The priest walked straight up to him, but strangely enough did not even glance at his ears. He stared with an almost comical seriousness at his bald forehead, and pointed to a three-cornered cicatrice, long healed, but still discernible. “Mr Green, I think.” he said politely, “and he did get the whole estate after all.”

And now let me tell the readers of the Daily Reformer what I think the most remarkable thing in the whole affair. This transformation scene, which will seem to you as wild and purple as a Persian fairy-tale, has been (except for my technical assault) strictly legal and constitutional from its first beginnings. This man with the odd scar and the ordinary ears is not an impostor. Though (in one sense) he wears another man’s wig and claims another man’s ear, he has not stolen another man’s coronet. He really is the one and only Duke of Exmoor. What happened was this. The old Duke really had a slight malformation of the ear, which really was more or less hereditary. He really was morbid about it; and it is likely enough that he did invoke it as a kind of curse in the violent scene (which undoubtedly happened) in which he struck Green with the decanter. But the contest ended very differently. Green pressed his claim and got the estates; the dispossessed nobleman shot himself and died without issue. After a decent interval the beautiful English Government revived the “extinct” peerage of Exmoor, and bestowed it, as is usual, on the most important person, the person who had got the property.

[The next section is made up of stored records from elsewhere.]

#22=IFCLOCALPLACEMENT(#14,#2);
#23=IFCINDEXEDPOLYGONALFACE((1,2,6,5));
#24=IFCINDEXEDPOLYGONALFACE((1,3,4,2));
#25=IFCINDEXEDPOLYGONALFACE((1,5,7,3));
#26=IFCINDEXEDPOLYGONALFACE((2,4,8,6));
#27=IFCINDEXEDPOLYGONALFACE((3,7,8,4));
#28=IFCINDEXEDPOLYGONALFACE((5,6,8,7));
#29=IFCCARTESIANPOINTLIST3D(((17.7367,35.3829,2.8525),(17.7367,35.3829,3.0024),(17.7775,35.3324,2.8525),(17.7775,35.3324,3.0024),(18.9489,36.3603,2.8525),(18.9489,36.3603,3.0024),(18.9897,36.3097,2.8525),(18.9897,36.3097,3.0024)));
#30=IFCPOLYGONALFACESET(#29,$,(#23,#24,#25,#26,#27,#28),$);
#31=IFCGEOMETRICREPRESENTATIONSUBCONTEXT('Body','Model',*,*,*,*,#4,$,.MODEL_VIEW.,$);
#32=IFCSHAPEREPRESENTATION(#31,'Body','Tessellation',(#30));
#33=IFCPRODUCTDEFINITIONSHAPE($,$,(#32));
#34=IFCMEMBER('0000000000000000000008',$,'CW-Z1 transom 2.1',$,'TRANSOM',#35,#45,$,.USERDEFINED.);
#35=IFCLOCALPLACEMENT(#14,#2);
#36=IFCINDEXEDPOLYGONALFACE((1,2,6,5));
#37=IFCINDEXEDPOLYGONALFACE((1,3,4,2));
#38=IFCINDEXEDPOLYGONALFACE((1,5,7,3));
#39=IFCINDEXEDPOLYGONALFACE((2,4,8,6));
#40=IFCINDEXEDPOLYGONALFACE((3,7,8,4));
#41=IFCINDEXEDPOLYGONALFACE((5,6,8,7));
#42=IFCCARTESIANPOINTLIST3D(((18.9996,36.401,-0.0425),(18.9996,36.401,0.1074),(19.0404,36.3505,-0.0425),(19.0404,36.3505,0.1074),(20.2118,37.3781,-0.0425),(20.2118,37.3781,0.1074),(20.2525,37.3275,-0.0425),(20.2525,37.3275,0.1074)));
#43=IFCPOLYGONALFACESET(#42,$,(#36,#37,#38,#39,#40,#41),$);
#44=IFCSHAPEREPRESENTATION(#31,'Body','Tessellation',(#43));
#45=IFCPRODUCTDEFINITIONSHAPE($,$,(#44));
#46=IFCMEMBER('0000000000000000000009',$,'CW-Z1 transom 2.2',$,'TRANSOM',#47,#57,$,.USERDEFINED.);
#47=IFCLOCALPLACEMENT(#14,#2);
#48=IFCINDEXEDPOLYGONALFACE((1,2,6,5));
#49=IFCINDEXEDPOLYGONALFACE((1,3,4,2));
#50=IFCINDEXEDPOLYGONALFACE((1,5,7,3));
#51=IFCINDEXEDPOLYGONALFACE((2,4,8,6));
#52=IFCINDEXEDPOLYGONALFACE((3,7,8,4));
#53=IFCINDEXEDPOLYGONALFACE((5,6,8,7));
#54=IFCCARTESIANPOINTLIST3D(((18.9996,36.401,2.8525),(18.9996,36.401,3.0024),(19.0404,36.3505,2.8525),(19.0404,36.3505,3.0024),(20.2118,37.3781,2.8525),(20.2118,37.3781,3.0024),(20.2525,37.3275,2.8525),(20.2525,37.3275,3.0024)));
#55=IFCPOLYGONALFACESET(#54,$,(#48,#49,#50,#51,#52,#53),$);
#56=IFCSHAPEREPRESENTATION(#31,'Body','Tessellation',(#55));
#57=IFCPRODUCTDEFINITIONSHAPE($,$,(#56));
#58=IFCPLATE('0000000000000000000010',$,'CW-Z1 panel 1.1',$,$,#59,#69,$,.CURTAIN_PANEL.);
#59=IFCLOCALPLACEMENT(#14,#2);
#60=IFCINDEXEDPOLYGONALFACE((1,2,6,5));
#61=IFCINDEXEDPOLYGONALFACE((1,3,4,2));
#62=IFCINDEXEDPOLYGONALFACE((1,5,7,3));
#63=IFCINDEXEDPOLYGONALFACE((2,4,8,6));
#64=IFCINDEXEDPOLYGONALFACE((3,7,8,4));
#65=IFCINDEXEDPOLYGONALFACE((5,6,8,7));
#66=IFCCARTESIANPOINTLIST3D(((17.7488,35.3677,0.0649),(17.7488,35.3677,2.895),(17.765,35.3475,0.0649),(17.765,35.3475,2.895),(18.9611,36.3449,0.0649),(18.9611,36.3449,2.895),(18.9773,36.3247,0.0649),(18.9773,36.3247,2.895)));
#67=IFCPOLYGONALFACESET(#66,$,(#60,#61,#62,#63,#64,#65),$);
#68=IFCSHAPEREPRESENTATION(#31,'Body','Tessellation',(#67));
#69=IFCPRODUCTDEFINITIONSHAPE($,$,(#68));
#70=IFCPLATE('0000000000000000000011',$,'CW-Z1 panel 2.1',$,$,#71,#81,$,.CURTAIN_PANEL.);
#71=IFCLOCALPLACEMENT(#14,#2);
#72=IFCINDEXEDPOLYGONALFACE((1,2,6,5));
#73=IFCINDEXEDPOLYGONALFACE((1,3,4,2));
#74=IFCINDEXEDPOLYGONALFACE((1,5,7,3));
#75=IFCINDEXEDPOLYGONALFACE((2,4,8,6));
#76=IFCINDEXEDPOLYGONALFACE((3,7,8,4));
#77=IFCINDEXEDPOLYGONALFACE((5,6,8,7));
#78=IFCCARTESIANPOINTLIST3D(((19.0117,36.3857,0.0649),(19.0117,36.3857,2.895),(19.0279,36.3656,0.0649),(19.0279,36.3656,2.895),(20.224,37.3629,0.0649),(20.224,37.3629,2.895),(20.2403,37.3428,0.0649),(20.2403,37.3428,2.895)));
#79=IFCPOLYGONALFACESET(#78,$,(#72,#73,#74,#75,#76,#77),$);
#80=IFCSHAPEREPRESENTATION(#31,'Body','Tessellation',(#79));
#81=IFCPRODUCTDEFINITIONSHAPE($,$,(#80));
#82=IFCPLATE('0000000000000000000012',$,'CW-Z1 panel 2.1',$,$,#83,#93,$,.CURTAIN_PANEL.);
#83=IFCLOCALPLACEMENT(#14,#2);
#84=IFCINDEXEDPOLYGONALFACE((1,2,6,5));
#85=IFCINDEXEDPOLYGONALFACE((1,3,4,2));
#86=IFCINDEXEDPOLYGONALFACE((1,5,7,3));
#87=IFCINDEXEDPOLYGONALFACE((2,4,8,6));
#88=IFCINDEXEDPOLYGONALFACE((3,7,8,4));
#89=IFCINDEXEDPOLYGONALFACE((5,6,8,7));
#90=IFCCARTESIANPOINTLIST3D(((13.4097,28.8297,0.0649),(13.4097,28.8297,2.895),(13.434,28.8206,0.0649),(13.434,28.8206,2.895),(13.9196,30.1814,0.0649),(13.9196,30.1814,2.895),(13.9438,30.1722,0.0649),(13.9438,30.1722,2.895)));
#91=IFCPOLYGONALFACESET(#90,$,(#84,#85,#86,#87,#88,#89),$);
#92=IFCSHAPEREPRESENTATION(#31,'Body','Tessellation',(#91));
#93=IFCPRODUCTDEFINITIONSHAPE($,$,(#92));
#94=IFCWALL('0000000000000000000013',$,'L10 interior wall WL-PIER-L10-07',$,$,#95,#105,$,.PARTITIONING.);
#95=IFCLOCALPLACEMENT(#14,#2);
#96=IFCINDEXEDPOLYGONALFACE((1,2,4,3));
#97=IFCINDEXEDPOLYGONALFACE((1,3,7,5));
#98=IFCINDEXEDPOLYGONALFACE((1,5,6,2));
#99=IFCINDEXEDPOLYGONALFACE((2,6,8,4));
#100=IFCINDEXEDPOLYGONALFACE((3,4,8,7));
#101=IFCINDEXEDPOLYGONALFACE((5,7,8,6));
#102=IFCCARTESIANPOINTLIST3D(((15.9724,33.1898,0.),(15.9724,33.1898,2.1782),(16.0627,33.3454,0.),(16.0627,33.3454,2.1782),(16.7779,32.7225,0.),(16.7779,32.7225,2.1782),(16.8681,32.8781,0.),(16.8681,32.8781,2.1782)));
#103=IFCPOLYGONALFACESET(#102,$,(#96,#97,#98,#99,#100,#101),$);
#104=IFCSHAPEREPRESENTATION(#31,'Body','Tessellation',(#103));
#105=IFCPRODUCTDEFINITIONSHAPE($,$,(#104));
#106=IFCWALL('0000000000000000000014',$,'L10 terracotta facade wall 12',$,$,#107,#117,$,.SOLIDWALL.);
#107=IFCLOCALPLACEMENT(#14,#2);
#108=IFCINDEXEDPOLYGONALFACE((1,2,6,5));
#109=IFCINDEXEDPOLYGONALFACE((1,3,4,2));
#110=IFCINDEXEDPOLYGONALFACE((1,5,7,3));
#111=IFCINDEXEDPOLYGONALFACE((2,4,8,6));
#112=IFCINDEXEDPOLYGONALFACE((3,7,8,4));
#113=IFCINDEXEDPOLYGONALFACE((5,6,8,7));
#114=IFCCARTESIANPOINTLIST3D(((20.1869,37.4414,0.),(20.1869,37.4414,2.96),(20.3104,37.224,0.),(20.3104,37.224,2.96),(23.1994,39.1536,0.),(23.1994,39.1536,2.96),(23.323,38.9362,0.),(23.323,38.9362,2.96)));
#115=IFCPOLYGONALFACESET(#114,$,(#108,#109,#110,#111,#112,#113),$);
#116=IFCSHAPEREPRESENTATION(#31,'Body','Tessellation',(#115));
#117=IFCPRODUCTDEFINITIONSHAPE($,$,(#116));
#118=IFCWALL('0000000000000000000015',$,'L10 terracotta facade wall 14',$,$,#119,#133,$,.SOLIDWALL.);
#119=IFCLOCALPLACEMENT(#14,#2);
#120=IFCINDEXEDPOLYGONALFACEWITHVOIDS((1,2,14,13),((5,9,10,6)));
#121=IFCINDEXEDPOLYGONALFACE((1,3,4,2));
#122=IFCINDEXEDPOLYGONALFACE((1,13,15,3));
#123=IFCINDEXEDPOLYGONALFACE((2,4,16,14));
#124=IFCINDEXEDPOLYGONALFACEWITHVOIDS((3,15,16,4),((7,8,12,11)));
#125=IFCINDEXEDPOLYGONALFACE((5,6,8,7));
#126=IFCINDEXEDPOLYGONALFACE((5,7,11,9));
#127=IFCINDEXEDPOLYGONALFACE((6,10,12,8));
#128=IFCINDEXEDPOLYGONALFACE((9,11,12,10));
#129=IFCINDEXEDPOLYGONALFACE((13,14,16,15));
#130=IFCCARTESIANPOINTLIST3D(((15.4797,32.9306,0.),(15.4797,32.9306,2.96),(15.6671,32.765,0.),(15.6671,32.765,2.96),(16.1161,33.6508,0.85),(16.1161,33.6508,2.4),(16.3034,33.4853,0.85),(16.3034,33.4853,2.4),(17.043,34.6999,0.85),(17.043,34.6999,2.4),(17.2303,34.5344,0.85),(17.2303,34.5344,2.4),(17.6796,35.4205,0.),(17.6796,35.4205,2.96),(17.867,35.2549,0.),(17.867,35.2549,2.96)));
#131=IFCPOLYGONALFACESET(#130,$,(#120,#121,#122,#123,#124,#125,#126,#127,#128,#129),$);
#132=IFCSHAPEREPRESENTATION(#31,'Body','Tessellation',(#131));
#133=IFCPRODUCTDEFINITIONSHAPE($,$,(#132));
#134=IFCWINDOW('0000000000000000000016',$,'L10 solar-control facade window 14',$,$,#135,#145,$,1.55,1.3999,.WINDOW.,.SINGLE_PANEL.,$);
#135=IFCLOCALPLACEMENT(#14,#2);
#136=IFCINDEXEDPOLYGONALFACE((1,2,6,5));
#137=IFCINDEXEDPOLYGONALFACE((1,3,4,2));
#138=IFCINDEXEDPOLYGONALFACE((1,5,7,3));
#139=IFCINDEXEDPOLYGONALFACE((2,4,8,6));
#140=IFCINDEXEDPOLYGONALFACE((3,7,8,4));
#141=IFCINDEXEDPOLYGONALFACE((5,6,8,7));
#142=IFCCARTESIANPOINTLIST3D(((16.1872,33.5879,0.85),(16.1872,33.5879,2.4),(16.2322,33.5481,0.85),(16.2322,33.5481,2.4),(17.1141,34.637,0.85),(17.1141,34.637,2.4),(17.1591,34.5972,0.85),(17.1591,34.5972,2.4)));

This man used the old feudal fables–properly, in his snobbish soul, really envied and admired them. So that thousands of poor English people trembled before a mysterious chieftain with an ancient destiny and a diadem of evil stars–when they are really trembling before a guttersnipe who was a pettifogger and a pawnbroker not twelve years ago. I think it very typical of the real case against our aristocracy as it is, and as it will be till God sends us braver men.

Mr Nutt put down the manuscript and called out with unusual sharpness: “Miss Barlow, please take down a letter to Mr Finn.”

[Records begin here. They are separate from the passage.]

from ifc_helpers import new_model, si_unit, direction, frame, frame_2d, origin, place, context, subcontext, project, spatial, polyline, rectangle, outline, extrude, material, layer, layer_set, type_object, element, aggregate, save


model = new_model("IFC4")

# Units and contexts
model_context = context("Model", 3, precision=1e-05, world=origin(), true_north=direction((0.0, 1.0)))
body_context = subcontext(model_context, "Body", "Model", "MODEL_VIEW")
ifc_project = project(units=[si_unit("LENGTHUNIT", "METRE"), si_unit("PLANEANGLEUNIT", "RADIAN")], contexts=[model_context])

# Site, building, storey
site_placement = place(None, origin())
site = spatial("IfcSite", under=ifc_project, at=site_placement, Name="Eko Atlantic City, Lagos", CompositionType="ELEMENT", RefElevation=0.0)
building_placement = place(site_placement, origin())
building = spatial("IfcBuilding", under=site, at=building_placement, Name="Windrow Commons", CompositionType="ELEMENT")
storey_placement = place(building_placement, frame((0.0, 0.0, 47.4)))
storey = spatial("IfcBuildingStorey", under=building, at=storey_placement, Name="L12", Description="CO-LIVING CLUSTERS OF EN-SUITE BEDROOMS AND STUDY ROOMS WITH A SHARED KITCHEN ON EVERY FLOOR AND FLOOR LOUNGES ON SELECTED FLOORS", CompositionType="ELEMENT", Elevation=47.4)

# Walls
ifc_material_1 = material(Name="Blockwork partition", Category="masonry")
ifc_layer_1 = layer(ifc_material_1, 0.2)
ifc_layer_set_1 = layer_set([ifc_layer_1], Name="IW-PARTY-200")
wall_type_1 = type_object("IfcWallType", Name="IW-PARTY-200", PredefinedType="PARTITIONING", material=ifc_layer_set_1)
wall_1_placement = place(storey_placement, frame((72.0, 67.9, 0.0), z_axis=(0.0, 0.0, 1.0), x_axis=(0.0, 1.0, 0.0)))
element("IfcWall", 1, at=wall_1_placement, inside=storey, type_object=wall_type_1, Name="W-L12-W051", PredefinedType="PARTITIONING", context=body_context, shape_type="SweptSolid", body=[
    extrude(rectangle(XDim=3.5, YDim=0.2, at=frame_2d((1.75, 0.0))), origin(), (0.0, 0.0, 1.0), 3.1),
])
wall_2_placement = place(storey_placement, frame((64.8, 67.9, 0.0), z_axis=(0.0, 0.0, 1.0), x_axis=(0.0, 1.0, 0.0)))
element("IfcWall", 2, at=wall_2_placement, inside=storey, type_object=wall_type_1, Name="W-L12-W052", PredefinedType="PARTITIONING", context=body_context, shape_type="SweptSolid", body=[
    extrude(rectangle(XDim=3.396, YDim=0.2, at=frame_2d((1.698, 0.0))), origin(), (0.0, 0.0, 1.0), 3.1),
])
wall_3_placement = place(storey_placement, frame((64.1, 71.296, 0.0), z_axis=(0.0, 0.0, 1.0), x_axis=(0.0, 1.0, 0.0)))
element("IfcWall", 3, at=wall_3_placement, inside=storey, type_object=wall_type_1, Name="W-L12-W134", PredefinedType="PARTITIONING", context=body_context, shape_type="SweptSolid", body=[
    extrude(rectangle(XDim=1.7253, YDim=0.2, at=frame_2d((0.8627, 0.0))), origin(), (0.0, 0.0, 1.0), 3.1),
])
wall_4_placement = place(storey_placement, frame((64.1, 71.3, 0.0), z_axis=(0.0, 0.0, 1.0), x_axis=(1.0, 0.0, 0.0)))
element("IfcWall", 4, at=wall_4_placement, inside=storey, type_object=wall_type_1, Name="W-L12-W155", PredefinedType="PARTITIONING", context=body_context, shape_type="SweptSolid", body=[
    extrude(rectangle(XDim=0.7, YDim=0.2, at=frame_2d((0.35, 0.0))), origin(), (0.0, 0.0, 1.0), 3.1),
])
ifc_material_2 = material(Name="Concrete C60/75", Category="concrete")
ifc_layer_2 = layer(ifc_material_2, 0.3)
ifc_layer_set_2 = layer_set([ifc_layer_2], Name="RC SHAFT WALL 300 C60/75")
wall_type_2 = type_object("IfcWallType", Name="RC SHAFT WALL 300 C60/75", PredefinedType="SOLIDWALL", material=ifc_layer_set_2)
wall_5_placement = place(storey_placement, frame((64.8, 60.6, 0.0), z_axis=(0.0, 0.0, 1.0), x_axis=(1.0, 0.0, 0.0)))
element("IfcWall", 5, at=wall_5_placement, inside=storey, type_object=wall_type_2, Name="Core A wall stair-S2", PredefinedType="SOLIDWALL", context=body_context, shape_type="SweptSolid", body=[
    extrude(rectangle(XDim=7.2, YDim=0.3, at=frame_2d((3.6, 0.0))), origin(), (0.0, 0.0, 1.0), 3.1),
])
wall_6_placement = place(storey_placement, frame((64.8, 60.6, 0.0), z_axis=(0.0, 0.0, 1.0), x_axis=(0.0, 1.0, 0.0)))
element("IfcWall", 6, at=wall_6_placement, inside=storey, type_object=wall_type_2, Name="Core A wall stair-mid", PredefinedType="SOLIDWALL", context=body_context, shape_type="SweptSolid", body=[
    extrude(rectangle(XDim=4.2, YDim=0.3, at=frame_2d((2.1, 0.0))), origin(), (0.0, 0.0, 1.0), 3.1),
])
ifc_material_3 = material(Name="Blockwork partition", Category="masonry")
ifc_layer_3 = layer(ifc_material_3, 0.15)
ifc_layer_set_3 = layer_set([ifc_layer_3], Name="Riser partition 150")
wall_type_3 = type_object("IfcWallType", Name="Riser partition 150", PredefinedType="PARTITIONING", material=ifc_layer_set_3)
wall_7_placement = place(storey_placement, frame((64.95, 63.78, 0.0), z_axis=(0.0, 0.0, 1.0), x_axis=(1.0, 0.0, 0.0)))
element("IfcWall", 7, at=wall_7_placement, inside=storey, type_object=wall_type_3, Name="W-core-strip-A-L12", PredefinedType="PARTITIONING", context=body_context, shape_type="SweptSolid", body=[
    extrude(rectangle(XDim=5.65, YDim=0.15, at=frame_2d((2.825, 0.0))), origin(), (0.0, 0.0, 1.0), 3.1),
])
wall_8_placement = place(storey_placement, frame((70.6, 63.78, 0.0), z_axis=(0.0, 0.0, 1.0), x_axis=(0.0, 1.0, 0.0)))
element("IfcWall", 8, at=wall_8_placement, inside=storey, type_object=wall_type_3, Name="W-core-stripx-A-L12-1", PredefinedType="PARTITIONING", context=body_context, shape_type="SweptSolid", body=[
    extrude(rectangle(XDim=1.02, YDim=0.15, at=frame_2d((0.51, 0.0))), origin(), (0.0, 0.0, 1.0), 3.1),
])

DEAR FINN,–You must be mad; we can’t touch this. I wanted vampires and the bad old days and aristocracy hand-in-hand with superstition. They like that But you must know the Exmoors would never forgive this. And what would our people say then, I should like to know! Why, Sir Simon is one of Exmoor’s greatest pals; and it would ruin that cousin of the Eyres that’s standing for us at Bradford. Besides, old Soap-Suds was sick enough at not getting his peerage last year; he’d sack me by wire if I lost him it with such lunacy as this. And what about Duffey? He’s doing us some rattling articles on “The Heel of the Norman.” And how can he write about Normans if the man’s only a solicitor? Do be reasonable.–Yours, E. NUTT.

As Miss Barlow rattled away cheerfully, he crumpled up the copy and tossed it into the waste-paper basket; but not before he had, automatically and by force of habit, altered the word “God” to the word “circumstances.”